That same ache of doing good work that feels too small to matter runs through our nation now as we watch the government shutdown drag on. It is painful to see families and children stand in long lines at food banks, while wrecking balls prepare the ground for a gleaming new gold-plated ballroom. While park rangers, air-traffic controllers, and food inspectors labor unpaid to keep others safe, ICE is handing out signing bonuses. The empire never stops funding its fear, rewarding detention centers but not senior centers.
You heard Zechariah use the image of elders in the streets and children at play to measure a people’s health. But in our streets today, the old wonder what to do when their Medicaid shrinks, while the young practice active shooter drills that steal their recess time. By that measure, we are failing.
But while feeling despair about it is honest, it is a strategy of injustice. When people give up, nothing changes. When people stay silent, cruelty wins by default. So hear me. Small work matters. Showing up matters. Feeding people matters. Every act of stubborn love and whispered prayer, is a declaration of hope.
Into that moment the prophet Zechariah gives a direct word from God: “Do not despise the day of small beginnings.” Small things are a sign that God is present.

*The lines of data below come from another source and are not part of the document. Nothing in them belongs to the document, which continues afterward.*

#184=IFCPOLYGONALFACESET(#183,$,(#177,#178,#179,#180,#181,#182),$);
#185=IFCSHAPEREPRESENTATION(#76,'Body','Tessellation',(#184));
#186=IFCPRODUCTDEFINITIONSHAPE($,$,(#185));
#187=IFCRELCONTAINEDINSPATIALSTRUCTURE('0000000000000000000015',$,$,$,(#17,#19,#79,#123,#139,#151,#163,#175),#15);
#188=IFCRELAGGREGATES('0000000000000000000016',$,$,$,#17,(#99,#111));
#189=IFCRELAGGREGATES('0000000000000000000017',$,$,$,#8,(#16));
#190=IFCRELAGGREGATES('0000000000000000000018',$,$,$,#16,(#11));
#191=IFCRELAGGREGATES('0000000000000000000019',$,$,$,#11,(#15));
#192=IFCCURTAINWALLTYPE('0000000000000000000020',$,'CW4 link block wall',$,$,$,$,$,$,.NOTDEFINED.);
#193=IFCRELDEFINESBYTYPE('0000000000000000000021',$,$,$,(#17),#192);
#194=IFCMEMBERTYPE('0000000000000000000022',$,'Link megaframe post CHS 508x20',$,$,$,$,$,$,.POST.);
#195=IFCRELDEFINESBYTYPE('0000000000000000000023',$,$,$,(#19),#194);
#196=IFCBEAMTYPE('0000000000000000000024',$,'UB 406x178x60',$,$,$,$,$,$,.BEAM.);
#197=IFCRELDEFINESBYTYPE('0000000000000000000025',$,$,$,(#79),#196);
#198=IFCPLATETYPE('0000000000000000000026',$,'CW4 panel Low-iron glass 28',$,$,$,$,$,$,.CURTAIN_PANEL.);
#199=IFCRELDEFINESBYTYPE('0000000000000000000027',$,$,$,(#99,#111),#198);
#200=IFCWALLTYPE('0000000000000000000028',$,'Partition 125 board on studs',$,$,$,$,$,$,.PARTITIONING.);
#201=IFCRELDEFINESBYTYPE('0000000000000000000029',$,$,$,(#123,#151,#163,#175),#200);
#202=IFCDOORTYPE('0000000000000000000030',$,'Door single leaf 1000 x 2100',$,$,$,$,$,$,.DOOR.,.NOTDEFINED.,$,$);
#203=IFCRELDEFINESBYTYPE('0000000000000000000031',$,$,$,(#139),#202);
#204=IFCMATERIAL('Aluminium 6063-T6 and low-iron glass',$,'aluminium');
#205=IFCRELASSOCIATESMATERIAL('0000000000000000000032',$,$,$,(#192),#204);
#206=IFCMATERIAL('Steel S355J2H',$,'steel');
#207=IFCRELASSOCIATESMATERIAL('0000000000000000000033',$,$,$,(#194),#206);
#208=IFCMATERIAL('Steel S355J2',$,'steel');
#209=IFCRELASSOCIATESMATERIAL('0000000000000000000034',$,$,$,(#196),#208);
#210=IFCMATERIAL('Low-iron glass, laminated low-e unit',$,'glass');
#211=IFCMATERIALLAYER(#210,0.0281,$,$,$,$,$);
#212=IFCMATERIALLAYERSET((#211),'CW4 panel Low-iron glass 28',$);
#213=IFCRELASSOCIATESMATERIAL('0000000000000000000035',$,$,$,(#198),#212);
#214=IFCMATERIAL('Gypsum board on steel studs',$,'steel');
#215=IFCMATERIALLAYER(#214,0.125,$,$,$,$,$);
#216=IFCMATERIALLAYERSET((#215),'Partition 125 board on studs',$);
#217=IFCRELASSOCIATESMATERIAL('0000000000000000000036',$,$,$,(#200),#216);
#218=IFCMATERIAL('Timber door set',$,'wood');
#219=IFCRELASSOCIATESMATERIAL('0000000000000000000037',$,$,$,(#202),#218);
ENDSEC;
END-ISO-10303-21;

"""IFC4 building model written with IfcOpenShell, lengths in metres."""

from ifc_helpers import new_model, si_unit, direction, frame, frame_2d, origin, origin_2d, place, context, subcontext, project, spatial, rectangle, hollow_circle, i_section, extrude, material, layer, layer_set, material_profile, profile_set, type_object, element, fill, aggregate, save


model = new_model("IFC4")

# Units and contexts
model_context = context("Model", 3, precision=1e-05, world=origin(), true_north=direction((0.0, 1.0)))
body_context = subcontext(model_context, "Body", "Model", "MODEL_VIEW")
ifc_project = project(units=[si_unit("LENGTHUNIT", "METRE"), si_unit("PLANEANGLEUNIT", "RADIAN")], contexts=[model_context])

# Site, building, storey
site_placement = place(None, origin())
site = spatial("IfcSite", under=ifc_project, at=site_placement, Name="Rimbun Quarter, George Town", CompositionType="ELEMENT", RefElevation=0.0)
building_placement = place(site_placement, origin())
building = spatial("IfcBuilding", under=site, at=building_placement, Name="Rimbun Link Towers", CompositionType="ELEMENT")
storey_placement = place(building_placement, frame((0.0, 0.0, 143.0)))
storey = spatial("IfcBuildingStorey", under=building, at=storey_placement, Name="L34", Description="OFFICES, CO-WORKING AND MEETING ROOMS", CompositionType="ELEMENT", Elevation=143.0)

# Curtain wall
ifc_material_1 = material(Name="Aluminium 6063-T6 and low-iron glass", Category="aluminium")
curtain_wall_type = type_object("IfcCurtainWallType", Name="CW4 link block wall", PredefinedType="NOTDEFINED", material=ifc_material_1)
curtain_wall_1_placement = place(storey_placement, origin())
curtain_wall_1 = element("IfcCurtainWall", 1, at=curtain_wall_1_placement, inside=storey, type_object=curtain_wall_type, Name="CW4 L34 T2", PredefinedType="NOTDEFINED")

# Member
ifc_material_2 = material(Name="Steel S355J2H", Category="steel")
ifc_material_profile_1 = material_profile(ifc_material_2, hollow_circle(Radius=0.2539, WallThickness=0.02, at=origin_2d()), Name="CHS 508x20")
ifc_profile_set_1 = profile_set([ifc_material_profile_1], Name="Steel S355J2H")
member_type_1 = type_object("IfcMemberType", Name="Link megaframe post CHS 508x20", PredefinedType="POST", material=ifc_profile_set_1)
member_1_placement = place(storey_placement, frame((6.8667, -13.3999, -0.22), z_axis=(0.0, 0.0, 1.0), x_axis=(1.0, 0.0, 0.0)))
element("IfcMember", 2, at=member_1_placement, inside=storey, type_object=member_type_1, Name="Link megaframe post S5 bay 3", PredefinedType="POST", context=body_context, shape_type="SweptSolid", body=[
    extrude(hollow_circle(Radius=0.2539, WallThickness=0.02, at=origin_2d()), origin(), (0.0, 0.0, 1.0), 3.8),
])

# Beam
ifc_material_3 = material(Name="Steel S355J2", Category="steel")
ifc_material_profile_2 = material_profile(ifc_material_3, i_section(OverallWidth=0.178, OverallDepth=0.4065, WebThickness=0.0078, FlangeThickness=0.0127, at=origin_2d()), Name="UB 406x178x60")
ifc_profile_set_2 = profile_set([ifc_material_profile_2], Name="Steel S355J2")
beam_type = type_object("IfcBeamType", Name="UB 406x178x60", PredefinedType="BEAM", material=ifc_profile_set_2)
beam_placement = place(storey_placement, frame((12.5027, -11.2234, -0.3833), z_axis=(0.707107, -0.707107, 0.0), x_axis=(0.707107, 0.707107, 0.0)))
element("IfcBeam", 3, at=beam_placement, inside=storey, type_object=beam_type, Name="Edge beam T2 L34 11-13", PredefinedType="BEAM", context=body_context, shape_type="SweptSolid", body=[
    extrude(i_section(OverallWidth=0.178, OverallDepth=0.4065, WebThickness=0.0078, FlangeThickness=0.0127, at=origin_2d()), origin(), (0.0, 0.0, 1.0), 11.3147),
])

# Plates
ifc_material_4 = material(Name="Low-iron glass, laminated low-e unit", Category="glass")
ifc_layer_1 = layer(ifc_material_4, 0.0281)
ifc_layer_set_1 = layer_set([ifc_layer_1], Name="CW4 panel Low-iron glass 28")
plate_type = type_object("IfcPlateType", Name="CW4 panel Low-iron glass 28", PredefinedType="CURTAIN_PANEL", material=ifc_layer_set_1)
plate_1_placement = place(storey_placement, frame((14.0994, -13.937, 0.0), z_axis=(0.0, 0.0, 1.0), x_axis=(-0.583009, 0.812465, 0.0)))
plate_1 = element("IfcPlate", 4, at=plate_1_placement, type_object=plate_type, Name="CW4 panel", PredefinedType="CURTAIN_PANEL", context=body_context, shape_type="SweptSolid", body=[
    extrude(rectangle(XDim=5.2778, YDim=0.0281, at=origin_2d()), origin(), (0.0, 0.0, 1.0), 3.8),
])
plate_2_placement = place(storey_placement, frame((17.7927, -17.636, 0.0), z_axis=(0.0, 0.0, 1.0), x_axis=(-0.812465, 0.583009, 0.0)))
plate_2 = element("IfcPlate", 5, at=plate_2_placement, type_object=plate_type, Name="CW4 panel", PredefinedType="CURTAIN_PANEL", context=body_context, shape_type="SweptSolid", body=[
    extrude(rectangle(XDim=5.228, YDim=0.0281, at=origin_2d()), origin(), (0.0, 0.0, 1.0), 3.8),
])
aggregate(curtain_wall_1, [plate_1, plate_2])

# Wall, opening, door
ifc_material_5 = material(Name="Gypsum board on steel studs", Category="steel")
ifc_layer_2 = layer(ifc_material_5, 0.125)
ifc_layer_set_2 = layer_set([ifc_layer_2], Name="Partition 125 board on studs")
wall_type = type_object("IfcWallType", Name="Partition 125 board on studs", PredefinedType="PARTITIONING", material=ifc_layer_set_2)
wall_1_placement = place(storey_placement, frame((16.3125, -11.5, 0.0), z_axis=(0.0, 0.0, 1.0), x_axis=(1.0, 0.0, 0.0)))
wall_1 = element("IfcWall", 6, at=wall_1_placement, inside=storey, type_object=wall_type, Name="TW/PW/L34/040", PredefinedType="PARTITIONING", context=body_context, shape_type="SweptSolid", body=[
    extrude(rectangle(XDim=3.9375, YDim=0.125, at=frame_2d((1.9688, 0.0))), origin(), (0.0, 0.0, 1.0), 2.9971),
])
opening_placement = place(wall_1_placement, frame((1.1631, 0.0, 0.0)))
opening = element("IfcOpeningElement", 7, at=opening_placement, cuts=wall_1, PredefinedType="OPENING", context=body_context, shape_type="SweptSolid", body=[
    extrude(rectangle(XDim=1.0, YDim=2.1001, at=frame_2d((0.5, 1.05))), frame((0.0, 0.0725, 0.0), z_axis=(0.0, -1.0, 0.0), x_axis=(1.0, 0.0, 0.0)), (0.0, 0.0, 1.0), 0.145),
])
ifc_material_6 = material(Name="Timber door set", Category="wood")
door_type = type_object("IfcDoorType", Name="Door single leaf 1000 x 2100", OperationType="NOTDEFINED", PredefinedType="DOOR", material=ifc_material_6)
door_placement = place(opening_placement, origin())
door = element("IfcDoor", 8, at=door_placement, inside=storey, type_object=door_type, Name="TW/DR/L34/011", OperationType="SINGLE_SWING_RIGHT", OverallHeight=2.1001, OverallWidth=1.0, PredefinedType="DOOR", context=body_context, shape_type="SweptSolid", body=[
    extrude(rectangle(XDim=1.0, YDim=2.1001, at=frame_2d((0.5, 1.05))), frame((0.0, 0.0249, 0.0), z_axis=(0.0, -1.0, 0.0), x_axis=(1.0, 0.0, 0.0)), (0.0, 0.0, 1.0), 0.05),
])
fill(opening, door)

In September, we started our lunch and activity program for seniors every Wednesday. Our first day, we prepared for 40 guests and worried what we would do if we ran out of food. Far fewer than that showed up. We felt discouraged but knew we had work to do to invite more, yet little changed for weeks and I started imagining how to give up gracefully – let it go as a good experiment. Perhaps wondering if it was worth their time, the volunteers remained committed and then I witnesses a shift – the one I had dreamed of. There is a sizeable Chinese community at Green Manor that exists separately from others in our neighborhood. I wanted to bridge the gap of residents at Green Manor, our church, and our neighborhood and I watched it happen organically as participants and volunteers made arts and crafts together, proudly showing off their creations to each other. the next week they came with smiles greeting one another. More community members joined in – and last week we had a total of 24 guests and volunteers. A man was asked if they serve any food at Green Manor. He said, no but with a big smile, “I get to come here every Wednesday!” Small things matter!
We are not the first people to wrestle with discouragement. On All Saints Day, we honor those whose faith was not proven by how loudly they believed but by how deeply they loved. Not to be perfect, but to be faithful. Not to run from the world, but to help repair it. Because love does not run away.
For example, Ellen Johnson Sirleaf was not a saint in the sentimental way people sometimes imagine saints. She was not a perfect leader. Her story included some questionable choices and painful consequences – which is precisely why her life matters so much. She did not return to Liberia for triumph. She returned out of responsibility, shaped by a faith that taught her leadership is service. And now at age 86, she is still serving the world.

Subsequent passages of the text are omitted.